Percepito dal basso, quello era un inno alla gioia, soprattutto quella di vivere. E poi, okay, faceva ridere, ma le nostre risate erano, lo giuro, benigne e solidali. Insomma, mentre noi ci gustavamo con autentica goduria l’esaltante invasione sonora, con Teresio che uscito dal bar, guardava arcigno verso l’alto, si giunse al punto clou della canzone.
Il coro con urlo. E ovviamente il contrappunto di Lorenzo.
Bene, sul grido graffiante di John – che, sappiatelo, restò afono per giorni dopo avere inciso Twist and Shout – Lorenzo sbraitò ancora più forte, almeno per quel che si percepiva dal basso. L’ululato di un coyote, a cui stanno staccando la coda con un machete, non rende l’idea da neppure lontano.
Quel che accadde dopo lassù è riferibile solo per interpretazione di una colonna sonora che tento di riportare in modo fedele.

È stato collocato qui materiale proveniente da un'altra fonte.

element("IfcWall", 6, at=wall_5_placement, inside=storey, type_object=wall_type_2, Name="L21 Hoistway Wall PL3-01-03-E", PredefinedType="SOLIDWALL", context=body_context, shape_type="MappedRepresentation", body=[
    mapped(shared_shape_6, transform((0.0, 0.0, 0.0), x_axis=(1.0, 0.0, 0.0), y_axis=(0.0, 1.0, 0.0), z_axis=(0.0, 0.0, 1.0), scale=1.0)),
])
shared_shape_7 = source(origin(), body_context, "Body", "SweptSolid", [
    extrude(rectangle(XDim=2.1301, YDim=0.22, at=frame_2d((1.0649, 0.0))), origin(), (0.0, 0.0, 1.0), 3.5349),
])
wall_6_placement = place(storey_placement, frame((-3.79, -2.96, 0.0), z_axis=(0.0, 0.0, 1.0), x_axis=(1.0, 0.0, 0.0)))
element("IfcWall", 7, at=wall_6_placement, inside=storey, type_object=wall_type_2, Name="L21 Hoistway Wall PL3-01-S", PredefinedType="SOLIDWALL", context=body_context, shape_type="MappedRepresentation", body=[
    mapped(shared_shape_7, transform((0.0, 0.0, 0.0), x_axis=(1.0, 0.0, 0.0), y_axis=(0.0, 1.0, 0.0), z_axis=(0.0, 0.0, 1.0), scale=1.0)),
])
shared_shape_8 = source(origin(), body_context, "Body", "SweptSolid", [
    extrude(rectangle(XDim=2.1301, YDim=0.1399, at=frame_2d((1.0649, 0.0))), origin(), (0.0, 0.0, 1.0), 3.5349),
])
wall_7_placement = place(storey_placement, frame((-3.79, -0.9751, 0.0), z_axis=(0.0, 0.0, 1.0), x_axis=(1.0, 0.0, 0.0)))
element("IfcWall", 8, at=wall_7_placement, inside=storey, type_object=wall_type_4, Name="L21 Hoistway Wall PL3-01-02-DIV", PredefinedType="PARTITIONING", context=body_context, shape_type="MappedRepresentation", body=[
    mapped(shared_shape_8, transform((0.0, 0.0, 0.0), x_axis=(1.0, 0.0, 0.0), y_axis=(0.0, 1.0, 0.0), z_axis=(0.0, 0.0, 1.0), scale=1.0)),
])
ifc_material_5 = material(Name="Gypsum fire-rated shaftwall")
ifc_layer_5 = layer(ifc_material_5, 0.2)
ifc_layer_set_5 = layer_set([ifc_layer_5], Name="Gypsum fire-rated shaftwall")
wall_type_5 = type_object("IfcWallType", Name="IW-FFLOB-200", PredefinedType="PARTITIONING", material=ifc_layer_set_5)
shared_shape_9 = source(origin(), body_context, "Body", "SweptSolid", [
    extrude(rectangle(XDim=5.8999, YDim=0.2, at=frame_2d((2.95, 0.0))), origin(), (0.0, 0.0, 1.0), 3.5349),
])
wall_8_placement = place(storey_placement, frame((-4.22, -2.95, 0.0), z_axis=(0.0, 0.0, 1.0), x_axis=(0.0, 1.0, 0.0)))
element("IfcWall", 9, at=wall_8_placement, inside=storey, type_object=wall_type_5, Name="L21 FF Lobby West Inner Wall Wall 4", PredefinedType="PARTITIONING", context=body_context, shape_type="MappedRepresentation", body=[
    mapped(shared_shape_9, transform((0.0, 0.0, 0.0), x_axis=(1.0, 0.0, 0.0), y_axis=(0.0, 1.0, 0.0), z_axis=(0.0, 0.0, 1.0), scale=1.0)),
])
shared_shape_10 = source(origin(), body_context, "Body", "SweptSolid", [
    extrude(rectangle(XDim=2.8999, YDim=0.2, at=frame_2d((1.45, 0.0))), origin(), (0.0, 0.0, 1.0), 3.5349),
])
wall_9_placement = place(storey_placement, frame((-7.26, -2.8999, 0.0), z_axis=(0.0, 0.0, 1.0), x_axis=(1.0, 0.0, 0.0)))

Dapprima l’orrido rumore di una puntina trascinata sul vinile che stava letteralmente scalpellando il solco. Quindi un brevissimo silenzio rotto dalla voce adirata di una signora, penso la madre di Lorenzo, che non gradiva per niente le propensioni musicali del figlio. Non mi ricordo affatto le parole, ma il succo era: con i Beatles e il rock’n’roll hai chiuso! Infine, la stupefacente conclusione: dal secondo piano ci piovvero sulle teste pezzi, anche minuti, del disco in questione (che, se non sbaglio, era il 45 giri Misery con facciata B Twist and Shout), ovvero la signora, a quanto pareva furiosa, aveva distrutto il vinile, non senza farcelo recapitare dall’alto in quanto forse ci considerava responsabili delle presunte devianze di Lorenzo. Ah, il tutto tra gli applausi solitari di Teresio che commentava con gioia: Sciapuma ´sa ghineira, ados!
Bisognerebbe aggiungere che in quel condominio, tuttora esistente, non abitavano soltanto Lorenzo e Don Miko, ma pure la Betty. La Betty che allora, senza tema di smentite, era la più bella ragazza di Alessandria. E che, quando usciva, transitando di fianco ai tavolini attorno ai quali ammazzavamo il tempo, esibiva una microgonna ascellare figlia della sua epoca che lasciava alla nostra vista famelica gambe perfette e lunghissime. E tutto quel che s’innalzava oltre quelle gambe rasentava la perfezione pura. Quando la Betty passava davanti al Perù, imponeva un silenzio così tombale che le mosche si suicidavano per non disturbare.
E qui voglio – vorrei – finirla con il Perù. A meno che, di nuovo, qualcuno di voi non mi aiuti a ricordare. Non sarebbe male, perché, se si va avanti, va a finire che ci scappa un libro. Uno di quelli dove un po’ si ride un po’ si piange per la nostalgia. E un po’ ci s’interroga sulle sliding doors. Sapete cosa sono, vero? Ne riparliamo.